Cool idea, it's a keeper!


----------



## Kenny94 (Dec 16, 2004)

Hey John,

The best part there's no toolbars:



> Ninite installs apps with default settings and
> says "no" to browser toolbars and other junk.


And you'll always end up with the latest version.

And Tom's Hardware had a write up on Ninite as well:

http://www.tomshardware.co.uk/ninite-windows-7-win7,news-32130.html?xtmc=ninite&xtcr=1


----------



## JohnWill (Oct 19, 2002)

Bad link for Tom's Hardware.  Here's the correct link: http://www.tomshardware.co.uk/ninite-windows-7-win7,news-32130.html?xtmc=ninite&xtcr=1


----------



## Kenny94 (Dec 16, 2004)

Thanks John.
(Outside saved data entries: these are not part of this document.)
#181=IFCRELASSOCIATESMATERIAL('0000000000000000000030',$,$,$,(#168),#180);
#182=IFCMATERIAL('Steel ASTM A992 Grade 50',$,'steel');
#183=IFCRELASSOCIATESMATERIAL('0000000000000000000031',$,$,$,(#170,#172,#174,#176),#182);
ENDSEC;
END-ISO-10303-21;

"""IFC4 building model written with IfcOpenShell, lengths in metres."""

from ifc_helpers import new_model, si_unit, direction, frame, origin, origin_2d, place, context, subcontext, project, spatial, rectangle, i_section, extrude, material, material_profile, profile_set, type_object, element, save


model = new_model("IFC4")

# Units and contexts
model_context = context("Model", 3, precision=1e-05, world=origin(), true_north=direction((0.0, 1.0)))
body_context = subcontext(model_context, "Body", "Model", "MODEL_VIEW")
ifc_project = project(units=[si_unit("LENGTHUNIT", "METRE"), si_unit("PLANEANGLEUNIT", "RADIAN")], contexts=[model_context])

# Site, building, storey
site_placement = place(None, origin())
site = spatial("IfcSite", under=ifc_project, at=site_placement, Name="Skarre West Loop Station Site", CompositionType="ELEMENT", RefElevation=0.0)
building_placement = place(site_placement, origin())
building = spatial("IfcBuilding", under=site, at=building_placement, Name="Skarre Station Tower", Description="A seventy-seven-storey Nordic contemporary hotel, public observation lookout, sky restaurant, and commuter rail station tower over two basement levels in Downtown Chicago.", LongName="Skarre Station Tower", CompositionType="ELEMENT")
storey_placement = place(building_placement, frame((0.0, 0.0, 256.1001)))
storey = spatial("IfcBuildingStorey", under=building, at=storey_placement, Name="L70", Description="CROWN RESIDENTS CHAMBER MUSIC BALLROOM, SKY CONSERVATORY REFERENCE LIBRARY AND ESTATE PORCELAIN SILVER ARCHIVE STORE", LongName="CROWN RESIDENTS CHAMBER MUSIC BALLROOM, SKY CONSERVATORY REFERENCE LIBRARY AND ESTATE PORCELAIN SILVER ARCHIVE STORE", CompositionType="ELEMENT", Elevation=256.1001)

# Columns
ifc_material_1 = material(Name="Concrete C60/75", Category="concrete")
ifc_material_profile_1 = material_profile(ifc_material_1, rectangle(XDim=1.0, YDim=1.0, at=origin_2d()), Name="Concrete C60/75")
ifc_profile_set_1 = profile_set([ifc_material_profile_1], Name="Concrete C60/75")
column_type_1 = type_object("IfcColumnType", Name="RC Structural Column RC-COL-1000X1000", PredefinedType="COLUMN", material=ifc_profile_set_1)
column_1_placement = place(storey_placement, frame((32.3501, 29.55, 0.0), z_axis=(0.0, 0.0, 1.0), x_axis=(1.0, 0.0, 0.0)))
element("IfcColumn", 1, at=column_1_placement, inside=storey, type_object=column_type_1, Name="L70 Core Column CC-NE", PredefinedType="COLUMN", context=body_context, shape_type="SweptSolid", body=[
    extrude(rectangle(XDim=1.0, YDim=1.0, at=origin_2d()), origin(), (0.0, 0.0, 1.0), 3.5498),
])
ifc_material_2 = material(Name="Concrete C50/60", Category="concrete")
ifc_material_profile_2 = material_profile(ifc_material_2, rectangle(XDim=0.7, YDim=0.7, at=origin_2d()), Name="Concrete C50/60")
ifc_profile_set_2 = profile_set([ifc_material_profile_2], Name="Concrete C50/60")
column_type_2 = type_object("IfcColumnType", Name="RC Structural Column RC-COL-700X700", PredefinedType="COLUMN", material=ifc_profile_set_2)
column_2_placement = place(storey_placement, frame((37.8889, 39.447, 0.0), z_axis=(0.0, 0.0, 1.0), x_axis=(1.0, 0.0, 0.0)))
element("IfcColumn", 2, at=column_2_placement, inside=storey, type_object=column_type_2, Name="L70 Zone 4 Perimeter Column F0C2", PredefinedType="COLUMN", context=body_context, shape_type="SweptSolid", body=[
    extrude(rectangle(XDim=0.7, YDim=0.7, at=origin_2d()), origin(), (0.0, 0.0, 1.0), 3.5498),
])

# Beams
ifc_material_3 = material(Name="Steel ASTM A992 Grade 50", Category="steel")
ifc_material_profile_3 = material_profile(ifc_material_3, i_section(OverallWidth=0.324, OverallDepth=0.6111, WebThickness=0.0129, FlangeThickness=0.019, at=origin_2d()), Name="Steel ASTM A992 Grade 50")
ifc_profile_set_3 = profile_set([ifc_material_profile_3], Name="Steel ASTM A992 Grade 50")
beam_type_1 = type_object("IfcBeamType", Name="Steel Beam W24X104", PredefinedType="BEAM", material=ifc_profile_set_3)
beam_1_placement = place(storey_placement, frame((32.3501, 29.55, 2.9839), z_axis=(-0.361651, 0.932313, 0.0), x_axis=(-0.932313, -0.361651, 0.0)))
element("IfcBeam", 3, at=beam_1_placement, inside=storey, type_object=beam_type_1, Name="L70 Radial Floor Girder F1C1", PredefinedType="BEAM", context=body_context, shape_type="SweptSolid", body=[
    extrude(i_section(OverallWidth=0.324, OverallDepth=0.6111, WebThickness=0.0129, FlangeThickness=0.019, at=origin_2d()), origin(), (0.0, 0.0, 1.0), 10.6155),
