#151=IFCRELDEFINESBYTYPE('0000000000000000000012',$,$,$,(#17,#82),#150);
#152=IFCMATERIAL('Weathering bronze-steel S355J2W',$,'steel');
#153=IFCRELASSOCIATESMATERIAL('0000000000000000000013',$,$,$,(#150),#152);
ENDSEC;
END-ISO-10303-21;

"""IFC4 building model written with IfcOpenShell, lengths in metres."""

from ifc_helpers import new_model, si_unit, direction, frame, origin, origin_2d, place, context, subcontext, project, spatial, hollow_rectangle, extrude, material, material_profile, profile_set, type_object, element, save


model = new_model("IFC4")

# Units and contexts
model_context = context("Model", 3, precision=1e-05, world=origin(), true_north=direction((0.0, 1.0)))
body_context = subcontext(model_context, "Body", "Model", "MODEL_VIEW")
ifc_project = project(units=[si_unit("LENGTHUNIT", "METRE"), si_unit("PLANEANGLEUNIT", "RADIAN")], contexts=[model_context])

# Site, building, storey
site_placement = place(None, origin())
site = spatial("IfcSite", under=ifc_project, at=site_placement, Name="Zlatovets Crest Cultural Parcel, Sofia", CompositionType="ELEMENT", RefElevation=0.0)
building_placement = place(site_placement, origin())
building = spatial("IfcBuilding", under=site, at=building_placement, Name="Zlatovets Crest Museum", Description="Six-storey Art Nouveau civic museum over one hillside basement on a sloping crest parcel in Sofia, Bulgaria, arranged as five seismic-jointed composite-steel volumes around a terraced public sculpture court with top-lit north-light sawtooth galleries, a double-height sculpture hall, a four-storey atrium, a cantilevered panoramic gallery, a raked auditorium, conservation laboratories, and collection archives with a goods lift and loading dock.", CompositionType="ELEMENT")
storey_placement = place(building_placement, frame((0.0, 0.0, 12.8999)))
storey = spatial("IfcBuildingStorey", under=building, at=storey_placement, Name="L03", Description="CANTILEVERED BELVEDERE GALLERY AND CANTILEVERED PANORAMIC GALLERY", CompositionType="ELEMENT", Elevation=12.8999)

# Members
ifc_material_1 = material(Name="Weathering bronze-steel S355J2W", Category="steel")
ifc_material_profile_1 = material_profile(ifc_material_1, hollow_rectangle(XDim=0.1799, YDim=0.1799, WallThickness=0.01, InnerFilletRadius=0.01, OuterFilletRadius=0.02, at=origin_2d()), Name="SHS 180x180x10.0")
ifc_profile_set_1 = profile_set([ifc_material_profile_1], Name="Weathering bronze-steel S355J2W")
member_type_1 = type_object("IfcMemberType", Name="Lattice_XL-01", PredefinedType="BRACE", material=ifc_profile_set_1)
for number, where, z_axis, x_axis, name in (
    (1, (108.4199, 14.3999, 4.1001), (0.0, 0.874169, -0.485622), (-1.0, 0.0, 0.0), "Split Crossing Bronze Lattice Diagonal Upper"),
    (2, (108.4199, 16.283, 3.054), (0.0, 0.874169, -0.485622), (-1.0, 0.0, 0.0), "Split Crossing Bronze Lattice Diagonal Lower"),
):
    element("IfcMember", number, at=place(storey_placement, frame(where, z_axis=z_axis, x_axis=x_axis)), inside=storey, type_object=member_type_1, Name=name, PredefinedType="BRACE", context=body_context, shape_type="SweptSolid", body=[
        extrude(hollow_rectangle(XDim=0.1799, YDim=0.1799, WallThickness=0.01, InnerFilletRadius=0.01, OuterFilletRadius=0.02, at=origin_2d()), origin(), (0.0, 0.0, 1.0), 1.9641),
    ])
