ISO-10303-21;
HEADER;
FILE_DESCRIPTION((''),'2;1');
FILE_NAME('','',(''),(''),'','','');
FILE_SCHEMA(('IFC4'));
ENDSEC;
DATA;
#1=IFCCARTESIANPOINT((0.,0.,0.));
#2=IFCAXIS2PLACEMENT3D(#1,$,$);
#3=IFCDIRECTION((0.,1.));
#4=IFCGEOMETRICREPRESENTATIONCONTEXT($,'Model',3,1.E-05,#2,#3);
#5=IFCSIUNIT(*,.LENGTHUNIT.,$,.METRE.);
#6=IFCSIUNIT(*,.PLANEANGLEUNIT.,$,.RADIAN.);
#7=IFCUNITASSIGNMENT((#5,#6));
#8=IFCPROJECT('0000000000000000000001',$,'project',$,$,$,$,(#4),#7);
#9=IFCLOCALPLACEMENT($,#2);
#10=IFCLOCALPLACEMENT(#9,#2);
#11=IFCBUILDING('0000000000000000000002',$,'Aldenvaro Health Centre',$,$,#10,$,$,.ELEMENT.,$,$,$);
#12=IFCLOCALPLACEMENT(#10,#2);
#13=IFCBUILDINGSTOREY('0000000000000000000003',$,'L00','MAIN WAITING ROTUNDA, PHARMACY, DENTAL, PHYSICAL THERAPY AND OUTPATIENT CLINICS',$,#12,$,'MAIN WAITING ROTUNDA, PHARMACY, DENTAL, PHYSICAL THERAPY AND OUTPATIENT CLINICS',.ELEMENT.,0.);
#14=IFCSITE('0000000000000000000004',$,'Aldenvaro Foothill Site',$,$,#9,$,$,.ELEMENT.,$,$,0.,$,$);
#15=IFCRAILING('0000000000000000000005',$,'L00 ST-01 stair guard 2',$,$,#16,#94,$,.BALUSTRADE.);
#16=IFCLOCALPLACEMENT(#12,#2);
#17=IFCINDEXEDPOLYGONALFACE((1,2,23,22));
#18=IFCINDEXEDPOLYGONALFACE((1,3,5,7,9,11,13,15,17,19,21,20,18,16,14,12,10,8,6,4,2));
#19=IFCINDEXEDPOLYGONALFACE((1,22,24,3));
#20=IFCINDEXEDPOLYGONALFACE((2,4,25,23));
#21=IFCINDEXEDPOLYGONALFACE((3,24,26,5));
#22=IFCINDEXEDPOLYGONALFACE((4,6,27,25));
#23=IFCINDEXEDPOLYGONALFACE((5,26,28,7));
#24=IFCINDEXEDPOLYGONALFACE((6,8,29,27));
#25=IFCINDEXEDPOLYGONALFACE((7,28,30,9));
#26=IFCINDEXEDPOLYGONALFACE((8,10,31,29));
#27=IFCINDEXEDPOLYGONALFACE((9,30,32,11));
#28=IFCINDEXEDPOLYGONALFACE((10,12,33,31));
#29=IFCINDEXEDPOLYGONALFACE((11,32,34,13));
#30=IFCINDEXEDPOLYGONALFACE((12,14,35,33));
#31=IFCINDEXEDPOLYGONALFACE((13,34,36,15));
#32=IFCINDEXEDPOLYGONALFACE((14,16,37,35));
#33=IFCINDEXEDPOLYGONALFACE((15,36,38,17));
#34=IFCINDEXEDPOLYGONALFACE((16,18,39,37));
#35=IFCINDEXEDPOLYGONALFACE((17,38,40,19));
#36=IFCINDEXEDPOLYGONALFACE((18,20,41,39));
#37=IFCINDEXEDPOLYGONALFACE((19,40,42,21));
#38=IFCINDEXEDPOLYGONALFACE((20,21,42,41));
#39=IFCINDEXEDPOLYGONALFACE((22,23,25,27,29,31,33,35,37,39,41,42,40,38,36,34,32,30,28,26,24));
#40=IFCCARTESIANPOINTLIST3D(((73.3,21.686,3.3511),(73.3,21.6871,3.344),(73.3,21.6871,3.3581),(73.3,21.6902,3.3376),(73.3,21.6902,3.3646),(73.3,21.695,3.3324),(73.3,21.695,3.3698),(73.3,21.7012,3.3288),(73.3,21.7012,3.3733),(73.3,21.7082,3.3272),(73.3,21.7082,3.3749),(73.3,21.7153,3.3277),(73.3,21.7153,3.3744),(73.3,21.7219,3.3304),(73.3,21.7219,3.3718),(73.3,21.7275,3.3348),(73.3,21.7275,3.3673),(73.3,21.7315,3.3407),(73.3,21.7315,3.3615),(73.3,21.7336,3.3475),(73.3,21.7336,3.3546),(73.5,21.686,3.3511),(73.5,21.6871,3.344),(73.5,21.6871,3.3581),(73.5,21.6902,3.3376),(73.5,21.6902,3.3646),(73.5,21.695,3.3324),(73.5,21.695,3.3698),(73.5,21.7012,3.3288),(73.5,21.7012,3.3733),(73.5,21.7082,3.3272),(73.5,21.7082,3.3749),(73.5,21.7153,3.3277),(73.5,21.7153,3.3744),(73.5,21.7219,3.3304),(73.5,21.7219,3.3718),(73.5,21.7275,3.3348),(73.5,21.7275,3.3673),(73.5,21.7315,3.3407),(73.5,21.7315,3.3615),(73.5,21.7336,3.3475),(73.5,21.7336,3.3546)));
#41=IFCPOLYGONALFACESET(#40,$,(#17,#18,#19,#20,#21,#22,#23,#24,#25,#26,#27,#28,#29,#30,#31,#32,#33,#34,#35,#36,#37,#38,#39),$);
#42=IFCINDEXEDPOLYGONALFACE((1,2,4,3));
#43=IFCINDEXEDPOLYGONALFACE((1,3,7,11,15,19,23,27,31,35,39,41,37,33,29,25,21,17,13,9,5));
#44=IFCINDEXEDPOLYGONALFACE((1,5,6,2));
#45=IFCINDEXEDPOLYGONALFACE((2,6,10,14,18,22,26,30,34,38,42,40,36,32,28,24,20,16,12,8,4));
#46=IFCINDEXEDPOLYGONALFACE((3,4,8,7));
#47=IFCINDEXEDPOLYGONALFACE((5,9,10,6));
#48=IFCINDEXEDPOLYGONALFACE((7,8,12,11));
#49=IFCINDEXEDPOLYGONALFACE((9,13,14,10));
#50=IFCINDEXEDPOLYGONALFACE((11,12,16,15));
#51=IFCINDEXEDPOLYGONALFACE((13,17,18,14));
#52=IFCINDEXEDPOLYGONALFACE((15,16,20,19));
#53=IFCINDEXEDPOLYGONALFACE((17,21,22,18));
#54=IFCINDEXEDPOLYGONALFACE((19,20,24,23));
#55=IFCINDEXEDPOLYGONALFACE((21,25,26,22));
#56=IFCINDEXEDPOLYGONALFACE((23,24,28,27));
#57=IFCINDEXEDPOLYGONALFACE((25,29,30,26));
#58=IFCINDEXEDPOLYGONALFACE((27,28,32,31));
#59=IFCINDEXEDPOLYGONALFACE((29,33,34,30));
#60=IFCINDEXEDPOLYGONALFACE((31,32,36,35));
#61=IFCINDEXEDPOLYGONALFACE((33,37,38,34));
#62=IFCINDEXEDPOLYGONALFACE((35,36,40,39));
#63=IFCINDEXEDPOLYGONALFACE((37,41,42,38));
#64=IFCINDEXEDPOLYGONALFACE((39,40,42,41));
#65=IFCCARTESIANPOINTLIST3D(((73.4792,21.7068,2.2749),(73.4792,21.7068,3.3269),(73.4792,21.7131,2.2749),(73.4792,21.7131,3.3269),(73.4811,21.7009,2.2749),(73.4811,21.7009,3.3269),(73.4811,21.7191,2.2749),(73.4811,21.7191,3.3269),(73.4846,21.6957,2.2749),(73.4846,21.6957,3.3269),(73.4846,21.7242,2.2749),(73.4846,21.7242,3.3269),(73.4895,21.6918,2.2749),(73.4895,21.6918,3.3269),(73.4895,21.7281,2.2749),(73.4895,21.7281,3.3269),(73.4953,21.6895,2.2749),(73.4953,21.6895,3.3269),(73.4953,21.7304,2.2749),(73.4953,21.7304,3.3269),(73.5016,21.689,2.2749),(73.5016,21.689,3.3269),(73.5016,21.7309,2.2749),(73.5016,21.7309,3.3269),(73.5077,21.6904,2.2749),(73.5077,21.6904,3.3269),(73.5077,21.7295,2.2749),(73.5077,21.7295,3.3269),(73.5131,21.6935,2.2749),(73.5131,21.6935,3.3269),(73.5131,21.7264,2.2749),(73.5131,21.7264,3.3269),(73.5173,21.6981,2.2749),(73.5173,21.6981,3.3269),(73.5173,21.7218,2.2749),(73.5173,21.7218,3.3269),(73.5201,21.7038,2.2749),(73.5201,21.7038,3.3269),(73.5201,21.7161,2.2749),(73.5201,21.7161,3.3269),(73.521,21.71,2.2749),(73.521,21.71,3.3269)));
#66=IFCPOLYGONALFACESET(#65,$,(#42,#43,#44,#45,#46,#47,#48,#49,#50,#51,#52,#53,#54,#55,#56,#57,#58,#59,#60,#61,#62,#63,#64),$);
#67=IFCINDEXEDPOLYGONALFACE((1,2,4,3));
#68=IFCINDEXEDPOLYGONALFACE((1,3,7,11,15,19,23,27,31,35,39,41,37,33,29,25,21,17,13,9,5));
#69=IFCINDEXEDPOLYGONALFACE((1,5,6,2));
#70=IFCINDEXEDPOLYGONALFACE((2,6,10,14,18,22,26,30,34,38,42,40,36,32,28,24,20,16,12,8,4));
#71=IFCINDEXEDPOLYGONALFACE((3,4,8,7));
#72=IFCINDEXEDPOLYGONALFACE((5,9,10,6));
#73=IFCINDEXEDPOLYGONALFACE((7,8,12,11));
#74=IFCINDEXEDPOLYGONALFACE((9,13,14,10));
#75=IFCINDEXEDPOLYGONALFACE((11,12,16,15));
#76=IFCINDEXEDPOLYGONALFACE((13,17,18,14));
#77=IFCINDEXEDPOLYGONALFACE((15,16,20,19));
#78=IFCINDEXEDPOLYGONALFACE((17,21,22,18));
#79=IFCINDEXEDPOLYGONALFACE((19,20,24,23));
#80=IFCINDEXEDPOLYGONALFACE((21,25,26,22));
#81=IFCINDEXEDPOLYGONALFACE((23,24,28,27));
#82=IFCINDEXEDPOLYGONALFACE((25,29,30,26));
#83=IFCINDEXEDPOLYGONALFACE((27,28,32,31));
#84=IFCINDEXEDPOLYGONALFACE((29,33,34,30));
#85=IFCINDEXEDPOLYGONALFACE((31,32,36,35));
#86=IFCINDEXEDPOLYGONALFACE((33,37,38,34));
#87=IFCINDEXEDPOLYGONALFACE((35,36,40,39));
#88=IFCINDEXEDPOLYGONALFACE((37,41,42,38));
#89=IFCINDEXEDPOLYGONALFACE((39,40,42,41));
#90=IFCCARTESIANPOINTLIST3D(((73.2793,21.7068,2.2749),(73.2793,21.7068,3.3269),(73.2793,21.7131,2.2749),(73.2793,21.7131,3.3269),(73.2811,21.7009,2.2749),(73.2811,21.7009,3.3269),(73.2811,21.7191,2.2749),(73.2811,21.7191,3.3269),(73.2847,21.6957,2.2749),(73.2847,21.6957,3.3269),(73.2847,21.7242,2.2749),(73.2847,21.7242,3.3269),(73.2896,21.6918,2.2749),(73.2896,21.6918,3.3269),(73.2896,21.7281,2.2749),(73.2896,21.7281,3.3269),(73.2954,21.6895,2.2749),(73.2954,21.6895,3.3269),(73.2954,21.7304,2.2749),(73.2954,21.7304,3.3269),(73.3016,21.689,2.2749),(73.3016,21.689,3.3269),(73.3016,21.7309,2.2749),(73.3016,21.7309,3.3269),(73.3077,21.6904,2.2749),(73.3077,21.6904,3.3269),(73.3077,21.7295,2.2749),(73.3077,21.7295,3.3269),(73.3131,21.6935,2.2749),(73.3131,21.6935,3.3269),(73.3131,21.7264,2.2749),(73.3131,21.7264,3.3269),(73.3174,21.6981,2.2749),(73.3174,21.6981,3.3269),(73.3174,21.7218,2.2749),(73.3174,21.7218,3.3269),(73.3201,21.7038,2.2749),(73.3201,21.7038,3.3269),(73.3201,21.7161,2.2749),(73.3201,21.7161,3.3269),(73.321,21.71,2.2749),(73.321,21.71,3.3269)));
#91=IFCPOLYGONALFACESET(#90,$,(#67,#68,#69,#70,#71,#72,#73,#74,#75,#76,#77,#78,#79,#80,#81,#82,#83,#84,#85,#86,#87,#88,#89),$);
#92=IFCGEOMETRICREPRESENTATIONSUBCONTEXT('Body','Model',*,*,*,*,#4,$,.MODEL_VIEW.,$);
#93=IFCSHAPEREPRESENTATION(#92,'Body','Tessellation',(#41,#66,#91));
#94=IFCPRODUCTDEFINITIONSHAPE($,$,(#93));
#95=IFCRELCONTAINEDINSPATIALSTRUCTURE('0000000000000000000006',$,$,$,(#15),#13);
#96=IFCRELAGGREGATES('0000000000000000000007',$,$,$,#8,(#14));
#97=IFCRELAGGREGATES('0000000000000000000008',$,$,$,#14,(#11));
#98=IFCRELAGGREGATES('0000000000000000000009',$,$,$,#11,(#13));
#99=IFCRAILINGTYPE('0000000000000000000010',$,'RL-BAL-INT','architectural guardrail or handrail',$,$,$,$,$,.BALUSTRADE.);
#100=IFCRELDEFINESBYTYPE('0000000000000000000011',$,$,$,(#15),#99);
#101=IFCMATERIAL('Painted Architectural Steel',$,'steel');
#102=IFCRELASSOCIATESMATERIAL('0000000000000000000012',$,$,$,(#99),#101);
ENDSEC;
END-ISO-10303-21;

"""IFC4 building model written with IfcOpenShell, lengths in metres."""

from ifc_helpers import new_model, si_unit, direction, frame, origin, origin_2d, place, context, subcontext, project, spatial, circle, extrude, material, type_object, element, save


model = new_model("IFC4")

# Units and contexts
model_context = context("Model", 3, precision=1e-05, world=origin(), true_north=direction((0.0, 1.0)))
body_context = subcontext(model_context, "Body", "Model", "MODEL_VIEW")
ifc_project = project(units=[si_unit("LENGTHUNIT", "METRE"), si_unit("PLANEANGLEUNIT", "RADIAN")], contexts=[model_context])

# Site, building, storey
site_placement = place(None, origin())
site = spatial("IfcSite", under=ifc_project, at=site_placement, Name="Aldenvaro Foothill Site", CompositionType="ELEMENT", RefElevation=0.0)
building_placement = place(site_placement, origin())
building = spatial("IfcBuilding", under=site, at=building_placement, Name="Aldenvaro Health Centre", CompositionType="ELEMENT")
storey_placement = place(building_placement, origin())
storey = spatial("IfcBuildingStorey", under=building, at=storey_placement, Name="L00", Description="MAIN WAITING ROTUNDA, PHARMACY, DENTAL, PHYSICAL THERAPY AND OUTPATIENT CLINICS", LongName="MAIN WAITING ROTUNDA, PHARMACY, DENTAL, PHYSICAL THERAPY AND OUTPATIENT CLINICS", CompositionType="ELEMENT", Elevation=0.0)

# Railing
ifc_material_1 = material(Name="Painted Architectural Steel", Category="steel")
railing_type = type_object("IfcRailingType", Name="RL-BAL-INT", Description="architectural guardrail or handrail", PredefinedType="BALUSTRADE", material=ifc_material_1)
railing_placement = place(storey_placement, frame((73.5, 21.71, 2.2749)))
element("IfcRailing", 1, at=railing_placement, inside=storey, type_object=railing_type, Name="L00 ST-01 stair guard 2", PredefinedType="BALUSTRADE", context=body_context, shape_type="SweptSolid", body=[
    extrude(circle(Radius=0.0239, at=origin_2d()), frame((0.0, 0.0, 1.0762), z_axis=(-1.0, 0.0, 0.0), x_axis=(0.0, -1.0, 0.0)), (0.0, 0.0, 1.0), 0.2),
    extrude(circle(Radius=0.021, at=origin_2d()), origin(), (0.0, 0.0, 1.0), 1.052),
    extrude(circle(Radius=0.021, at=origin_2d()), frame((-0.2, 0.0, 0.0)), (0.0, 0.0, 1.0), 1.052),
])

save(model, "model.ifc")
I adjusted the link...


----------



## JohnWill (Oct 19, 2002)

Neat program, wish I had it several months back when I redid my Windows 7 installation!


----------



## Kenny94 (Dec 16, 2004)

When I'm doing an installation for a client's computer. This is the first site I go to...


----------



## JohnWill (Oct 19, 2002)

Well, for a new computer I frequently start with PC Decrapifier to get rid of all the trialware, but this may be the second place now.


----------



## Kenny94 (Dec 16, 2004)

I never knew about "The PC Decrapifier". Thanks! I added this one to my toolbox. With Ninite and Decrapifier what else is there....


----------



## JohnWill (Oct 19, 2002)

How about some way to install things like Microsoft Office automatically! By the time I configure away all the junk that comes with Office, I've taken up about half an hour! Then, when I go to install Visio, I have to go through all the same options to keep the same junk from loading!


----------



## Kenny94 (Dec 16, 2004)

True....


----------



## itsjusme (Aug 19, 2006)

JohnWill said:


> Cool idea, it's a keeper!


Yeah, ya`ll should sticky this one.


----------



## dandxg (Feb 22, 2007)

I have only used Acronis, will have to check into this one. Thanks much.


----------



## JohnWill (Oct 19, 2002)

Acronis True Image is a totally different application.


----------



## Shawrie (Sep 16, 2004)

This is great time saver!


----------



## xtian900 (Feb 6, 2010)

Very nice! T-up


----------